- Born: Nigeria
- Other names: Bolaji Ajayi Bolaji Ajayi Williams
- Education: University of California, Riverside, Golden Gate University
- Occupations: Novelist, animator, short-story writer, entrepreneur
- Known for: Writing comics, journalism, philanthropy and activism
- Notable work: Akiti The Hunter (part I, 2015) Akiti The Hunter (part II, 2016)
- Spouse: Hayden Williams III
- Children: 1
- Parent: Chief Temitope Ajayi
- Website: www.akitithehunter.com

= Denise Ajayi-Williams =

Nigerian-American businesswoman and publisher

Denise Ajayi-Williams is the chief executive officer and co-founder of Silicon Valley-Nigerian Economic Development Inc. (SV-NED Inc.)

Denise holds board positions at five organizations: SV-NED Inc., Global Connection for Women Foundation, Sky Clinic Connect, Numly, and Collabful.

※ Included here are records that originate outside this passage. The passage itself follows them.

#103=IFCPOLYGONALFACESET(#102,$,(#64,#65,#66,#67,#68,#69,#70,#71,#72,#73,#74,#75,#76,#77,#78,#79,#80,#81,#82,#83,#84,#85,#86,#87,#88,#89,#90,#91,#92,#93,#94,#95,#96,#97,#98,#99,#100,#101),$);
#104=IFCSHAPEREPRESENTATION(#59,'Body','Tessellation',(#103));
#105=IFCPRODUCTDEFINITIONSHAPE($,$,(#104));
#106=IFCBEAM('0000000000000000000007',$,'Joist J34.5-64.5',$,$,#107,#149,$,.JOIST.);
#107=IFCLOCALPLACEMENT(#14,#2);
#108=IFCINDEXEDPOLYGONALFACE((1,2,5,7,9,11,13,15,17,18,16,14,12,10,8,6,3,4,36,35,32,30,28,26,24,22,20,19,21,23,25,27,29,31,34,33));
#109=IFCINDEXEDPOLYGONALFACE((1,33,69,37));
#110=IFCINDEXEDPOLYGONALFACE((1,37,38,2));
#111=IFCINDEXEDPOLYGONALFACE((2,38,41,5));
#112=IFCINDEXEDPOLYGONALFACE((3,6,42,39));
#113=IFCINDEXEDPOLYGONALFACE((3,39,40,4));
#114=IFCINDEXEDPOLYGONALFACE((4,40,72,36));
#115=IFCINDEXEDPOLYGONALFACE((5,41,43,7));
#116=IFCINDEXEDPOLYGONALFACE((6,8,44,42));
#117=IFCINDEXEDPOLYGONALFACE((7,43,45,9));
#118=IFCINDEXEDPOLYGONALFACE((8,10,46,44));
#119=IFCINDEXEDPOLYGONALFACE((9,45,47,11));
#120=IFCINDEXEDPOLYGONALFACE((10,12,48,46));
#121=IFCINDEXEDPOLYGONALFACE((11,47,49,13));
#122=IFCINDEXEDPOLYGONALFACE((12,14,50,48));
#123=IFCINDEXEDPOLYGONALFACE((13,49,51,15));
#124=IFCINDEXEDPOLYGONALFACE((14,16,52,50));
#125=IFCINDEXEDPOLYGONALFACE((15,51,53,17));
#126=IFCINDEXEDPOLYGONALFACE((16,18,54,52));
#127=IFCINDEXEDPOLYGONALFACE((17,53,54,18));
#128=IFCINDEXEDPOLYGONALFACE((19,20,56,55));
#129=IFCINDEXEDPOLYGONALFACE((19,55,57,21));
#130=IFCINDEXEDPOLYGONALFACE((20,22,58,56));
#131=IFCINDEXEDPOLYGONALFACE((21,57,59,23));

== Early life and education ==
Williams earned her bachelor's degree in Economics from the University of California, Riverside, and her Masters in Business Administration Degree with a concentration in Marketing from Golden Gate University, Ageno School of Business.

== Career ==
Denise Ajayi-Williams' work has been covered by Huffington Post. She hosted Nigerian cultural leader the Ooni of Ife during a Silicon Valley visit organized by SV-NED.

== Personal life ==
Ajayi married Hayden Williams III, the co-founder of their WM Journal platform and the website workingmomin20s.com. The couple has a son.